Despite the continued impact of the global recession on businesses, 59 percent of companies -- many without waiting for their own profits to recover -- recommitted to their communities by giving more to charity in 2012 than they did in 2007, before the recession took hold.
The report, available at no cost, is the leading annual analysis of corporate giving patterns. These commitments by companies also became more focused on specific program areas, leading with K-12 and higher education, and innovative, relying more on non-cash contributions such as products and skills, all signaling their desire for greater and longer-term societal impact through their investments.
"The world's largest companies saw that societal investments were a way to help with recovery, not only for their communities, but also for the companies themselves," said Daryl Brewster, CEO of CECP. "Fortune 500 companies know how intertwined they are with the communities around them; healthy companies need healthy communities. Even when times were tough for these companies, they understood that it was part of the path to recovery to continue to stand alongside their community partners."
This year's “Giving in Numbers” represents trends drawing on data from a record 240 companies — including 60 of the largest 100 companies in the Fortune 500 — and reports more than $20 billion in total contributions in 2012.
"Companies are looking deeper into their core strategies and across business units to determine the most strategic ways to invest in addressing societal challenges," said Jonathan Spector, president and CEO of The Conference Board. "The benefit behind companies being a better community partner is that these societal solutions also solve core business challenges, simultaneously. From engaged employees to more efficient use of surplus products, benefits are streaming both ways."
Key findings include:
*Corporate societal giving showed considerable growth.

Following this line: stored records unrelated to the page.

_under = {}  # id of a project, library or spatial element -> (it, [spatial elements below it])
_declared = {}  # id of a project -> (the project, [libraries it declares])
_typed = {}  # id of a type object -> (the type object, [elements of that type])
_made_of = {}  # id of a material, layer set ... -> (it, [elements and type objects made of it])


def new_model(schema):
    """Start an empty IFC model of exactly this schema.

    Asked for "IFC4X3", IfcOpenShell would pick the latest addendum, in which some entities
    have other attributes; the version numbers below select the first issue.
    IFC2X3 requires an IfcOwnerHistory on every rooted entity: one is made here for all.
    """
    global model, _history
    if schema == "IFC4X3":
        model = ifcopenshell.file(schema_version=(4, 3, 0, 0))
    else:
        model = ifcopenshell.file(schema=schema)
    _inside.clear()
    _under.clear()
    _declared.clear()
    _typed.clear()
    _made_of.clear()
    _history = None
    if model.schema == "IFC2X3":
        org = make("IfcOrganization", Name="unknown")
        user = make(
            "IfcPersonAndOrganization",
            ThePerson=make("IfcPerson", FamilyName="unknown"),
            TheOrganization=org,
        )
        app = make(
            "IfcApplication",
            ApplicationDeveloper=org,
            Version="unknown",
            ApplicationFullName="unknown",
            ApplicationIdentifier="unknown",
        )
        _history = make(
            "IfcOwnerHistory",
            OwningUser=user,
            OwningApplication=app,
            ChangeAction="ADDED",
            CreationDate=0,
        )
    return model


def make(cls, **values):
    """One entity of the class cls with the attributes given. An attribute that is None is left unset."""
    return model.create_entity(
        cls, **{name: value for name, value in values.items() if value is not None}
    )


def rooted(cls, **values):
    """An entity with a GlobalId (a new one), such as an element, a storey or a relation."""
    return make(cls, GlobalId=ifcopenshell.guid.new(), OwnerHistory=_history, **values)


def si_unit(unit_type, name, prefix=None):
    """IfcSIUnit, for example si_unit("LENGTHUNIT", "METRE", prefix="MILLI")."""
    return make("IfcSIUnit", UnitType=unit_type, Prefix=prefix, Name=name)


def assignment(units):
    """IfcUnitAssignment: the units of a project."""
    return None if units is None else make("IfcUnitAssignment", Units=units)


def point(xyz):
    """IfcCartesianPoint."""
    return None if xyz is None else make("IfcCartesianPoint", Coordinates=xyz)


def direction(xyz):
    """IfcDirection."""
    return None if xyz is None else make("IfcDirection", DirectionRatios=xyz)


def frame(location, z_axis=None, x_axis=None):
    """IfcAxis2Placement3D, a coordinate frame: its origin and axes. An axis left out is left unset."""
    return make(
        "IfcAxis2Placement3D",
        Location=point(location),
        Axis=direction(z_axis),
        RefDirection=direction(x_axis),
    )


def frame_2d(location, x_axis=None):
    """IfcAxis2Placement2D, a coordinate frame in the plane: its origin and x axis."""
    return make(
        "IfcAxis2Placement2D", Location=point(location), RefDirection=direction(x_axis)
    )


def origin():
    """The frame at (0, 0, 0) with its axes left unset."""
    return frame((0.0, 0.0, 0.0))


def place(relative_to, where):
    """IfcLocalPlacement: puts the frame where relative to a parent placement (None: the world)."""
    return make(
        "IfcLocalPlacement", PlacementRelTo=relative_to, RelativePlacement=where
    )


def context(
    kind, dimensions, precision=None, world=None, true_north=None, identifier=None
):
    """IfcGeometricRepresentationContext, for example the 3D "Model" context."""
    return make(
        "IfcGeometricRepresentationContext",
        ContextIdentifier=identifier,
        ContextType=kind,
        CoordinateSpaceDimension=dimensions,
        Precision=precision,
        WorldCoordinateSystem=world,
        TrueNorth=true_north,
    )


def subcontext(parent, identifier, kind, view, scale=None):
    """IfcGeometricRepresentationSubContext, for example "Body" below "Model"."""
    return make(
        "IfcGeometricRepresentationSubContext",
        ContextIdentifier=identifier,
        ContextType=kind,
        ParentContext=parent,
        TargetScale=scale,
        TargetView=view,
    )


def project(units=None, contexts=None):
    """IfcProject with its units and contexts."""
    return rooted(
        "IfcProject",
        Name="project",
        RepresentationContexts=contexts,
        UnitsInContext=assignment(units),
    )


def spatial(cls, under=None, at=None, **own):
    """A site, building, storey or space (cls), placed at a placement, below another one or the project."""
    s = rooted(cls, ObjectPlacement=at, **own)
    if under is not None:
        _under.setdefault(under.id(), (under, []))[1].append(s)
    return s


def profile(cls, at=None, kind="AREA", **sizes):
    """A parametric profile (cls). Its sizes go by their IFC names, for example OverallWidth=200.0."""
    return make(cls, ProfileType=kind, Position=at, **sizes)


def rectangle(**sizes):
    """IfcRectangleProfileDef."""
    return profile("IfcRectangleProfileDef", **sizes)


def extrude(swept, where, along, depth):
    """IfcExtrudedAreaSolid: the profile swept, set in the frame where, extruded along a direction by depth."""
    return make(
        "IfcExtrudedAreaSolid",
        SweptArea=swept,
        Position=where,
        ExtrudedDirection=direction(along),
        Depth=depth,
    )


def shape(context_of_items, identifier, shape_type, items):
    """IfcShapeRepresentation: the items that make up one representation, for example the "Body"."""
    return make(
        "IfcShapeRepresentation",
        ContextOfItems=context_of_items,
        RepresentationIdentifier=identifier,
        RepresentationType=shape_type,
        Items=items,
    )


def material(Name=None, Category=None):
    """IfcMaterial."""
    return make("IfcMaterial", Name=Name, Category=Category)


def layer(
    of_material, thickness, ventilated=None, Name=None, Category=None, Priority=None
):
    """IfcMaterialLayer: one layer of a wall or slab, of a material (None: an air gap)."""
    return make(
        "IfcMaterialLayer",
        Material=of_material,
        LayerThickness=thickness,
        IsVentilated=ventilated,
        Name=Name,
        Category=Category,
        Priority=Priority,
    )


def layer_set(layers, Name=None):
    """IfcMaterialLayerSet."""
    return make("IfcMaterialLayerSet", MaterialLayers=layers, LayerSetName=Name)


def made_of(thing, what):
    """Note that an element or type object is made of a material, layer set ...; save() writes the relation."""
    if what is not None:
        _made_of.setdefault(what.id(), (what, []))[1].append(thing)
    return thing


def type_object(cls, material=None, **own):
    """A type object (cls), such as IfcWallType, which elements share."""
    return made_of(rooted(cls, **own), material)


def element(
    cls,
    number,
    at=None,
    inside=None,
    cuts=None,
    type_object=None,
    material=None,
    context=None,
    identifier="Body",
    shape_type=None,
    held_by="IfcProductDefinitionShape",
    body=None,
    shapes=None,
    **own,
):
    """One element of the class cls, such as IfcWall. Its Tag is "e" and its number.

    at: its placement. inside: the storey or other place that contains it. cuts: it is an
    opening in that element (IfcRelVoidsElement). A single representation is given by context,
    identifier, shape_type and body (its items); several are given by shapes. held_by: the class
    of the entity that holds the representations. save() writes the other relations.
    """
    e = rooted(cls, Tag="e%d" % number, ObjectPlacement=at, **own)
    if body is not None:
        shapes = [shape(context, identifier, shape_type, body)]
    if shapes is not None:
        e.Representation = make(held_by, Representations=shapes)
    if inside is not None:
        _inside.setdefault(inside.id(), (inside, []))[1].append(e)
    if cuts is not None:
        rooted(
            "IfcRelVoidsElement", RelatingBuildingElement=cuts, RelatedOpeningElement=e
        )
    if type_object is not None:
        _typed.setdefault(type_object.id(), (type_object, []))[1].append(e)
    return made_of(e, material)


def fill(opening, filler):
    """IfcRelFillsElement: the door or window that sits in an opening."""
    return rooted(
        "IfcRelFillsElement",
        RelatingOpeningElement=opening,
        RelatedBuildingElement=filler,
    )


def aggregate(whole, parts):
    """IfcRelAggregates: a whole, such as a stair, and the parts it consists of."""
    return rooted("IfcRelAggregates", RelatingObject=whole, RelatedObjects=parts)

*Total giving increased for 59 percent of companies from 2007 to 2012, with 38 percent of all companies increasing their giving by 25 percent or more.
*Aggregate corporate giving rose by 42 percent ($4.48 billion) from 2007 to 2012 in inflation-adjusted dollars.
*Non-cash giving defined post-recession contributions.
*Of companies that provided non-cash support in 2007, the median percentage change in non-cash contributions was plus 38 percent in 2012.
*Non-cash support includes product donations and other in-kind resources, such as excess inventory, pro bono service, use of company facilities, intellectual property, land, and other asset donations.
*For the first time since “Giving in Numbers” was first released in 2006, giving to higher education and K–12 education was the most funded program area for all companies, representing 29 percent of the average company's programmatic allocation.
*Forty percent of companies expect giving to increase from 2012 to 2013, while 18 percent expect a giving reduction; 42 percent of companies expect no change in giving levels from 2012 to 2013.
“Giving in Numbers” is a relied-upon measurement tool for corporate senior executives to assess and build their companies' giving programs. The report's benchmarking section includes a Year-Over-Year Giving template with a step-by-step guide and definitions of terms used in the field. Giving officers report that this is a must-read as one starts or enhances a corporate giving program.